We are not an empire ruled by an emperor. Such a comparison was more apt for the British. We are a republic. As such, comparisons to the Roman Republic are more apt. Why did the Roman Republic fall?
Corruption did the roman republic in - as well as near constant warfare. It was just a matter of time before a general decided to bring matters under control.
>>We are not an empire ruled by an emperor. Such a comparison was more apt for the British. We are a republic. As such, comparisons to the Roman Republic are more apt. Why did the Roman Republic fall?<<
I am not making a verbatim parallel of America to Rome.

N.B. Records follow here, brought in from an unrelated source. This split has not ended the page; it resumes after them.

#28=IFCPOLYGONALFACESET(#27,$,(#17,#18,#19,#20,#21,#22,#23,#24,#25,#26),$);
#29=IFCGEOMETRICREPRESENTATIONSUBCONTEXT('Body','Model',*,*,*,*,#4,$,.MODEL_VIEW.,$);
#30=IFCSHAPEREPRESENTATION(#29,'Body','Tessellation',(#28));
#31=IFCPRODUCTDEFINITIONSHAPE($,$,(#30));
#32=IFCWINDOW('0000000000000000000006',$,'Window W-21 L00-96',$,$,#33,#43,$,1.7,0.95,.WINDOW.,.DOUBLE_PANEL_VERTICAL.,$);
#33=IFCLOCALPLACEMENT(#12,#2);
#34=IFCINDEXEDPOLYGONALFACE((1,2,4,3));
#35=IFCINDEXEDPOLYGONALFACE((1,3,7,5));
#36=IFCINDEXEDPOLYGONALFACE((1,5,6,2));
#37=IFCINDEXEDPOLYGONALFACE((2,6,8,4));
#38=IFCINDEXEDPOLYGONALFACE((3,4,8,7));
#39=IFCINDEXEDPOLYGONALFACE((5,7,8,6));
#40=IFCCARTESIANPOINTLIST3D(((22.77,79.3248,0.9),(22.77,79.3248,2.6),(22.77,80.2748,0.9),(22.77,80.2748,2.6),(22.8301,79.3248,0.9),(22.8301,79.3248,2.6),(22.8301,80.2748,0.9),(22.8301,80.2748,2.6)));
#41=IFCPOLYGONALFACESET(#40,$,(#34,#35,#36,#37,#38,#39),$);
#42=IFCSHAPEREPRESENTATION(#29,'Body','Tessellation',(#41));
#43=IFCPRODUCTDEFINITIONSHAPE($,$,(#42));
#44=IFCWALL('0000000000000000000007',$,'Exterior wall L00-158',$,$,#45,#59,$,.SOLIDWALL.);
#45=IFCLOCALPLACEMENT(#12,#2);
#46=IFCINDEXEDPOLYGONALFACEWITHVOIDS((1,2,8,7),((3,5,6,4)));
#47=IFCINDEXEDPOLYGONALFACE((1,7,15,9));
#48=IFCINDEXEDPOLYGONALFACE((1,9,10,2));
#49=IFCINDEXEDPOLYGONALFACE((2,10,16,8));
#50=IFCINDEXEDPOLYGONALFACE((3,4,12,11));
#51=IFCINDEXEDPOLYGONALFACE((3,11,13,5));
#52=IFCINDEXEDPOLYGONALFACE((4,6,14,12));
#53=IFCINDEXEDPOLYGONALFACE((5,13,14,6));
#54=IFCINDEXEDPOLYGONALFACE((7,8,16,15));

I am making a loose analogy based on similar trends that I have discerned
To entertain your line of thinking, why did their Republic Fall~ many reasons; greed, softness, and addiction to luxury(this includes an addiction to using slaves), the loss of the sense of Public Duty, the increasing ambitions of many Generals/Politicians.
But in the end the form of government that suited a city state could not govern and maintain a multinational empire.
It was inevitable that the Romans gravitated to authoritarian and increasingly despotic government.
That is the Fall of the Roman Republic.
With us it is the rapid growth of Big Government and dependence on Federal support.
We have been evolving into a Washingtonian Empire for the past 90 odd years.
Fall of a Great Republic, Democracy, Empire never happen in a day and are a combination of causes both external and primarily internal.
>We are not an empire ruled by an emperor. Such a comparison was more apt for the British. We are a republic. As such, comparisons to the Roman Republic are more apt. Why did the Roman Republic fall?<
The comparison with Britain would not be accurate either. Britain has for its entire history as a nation state been a defacto Republic, which England had been since 1689.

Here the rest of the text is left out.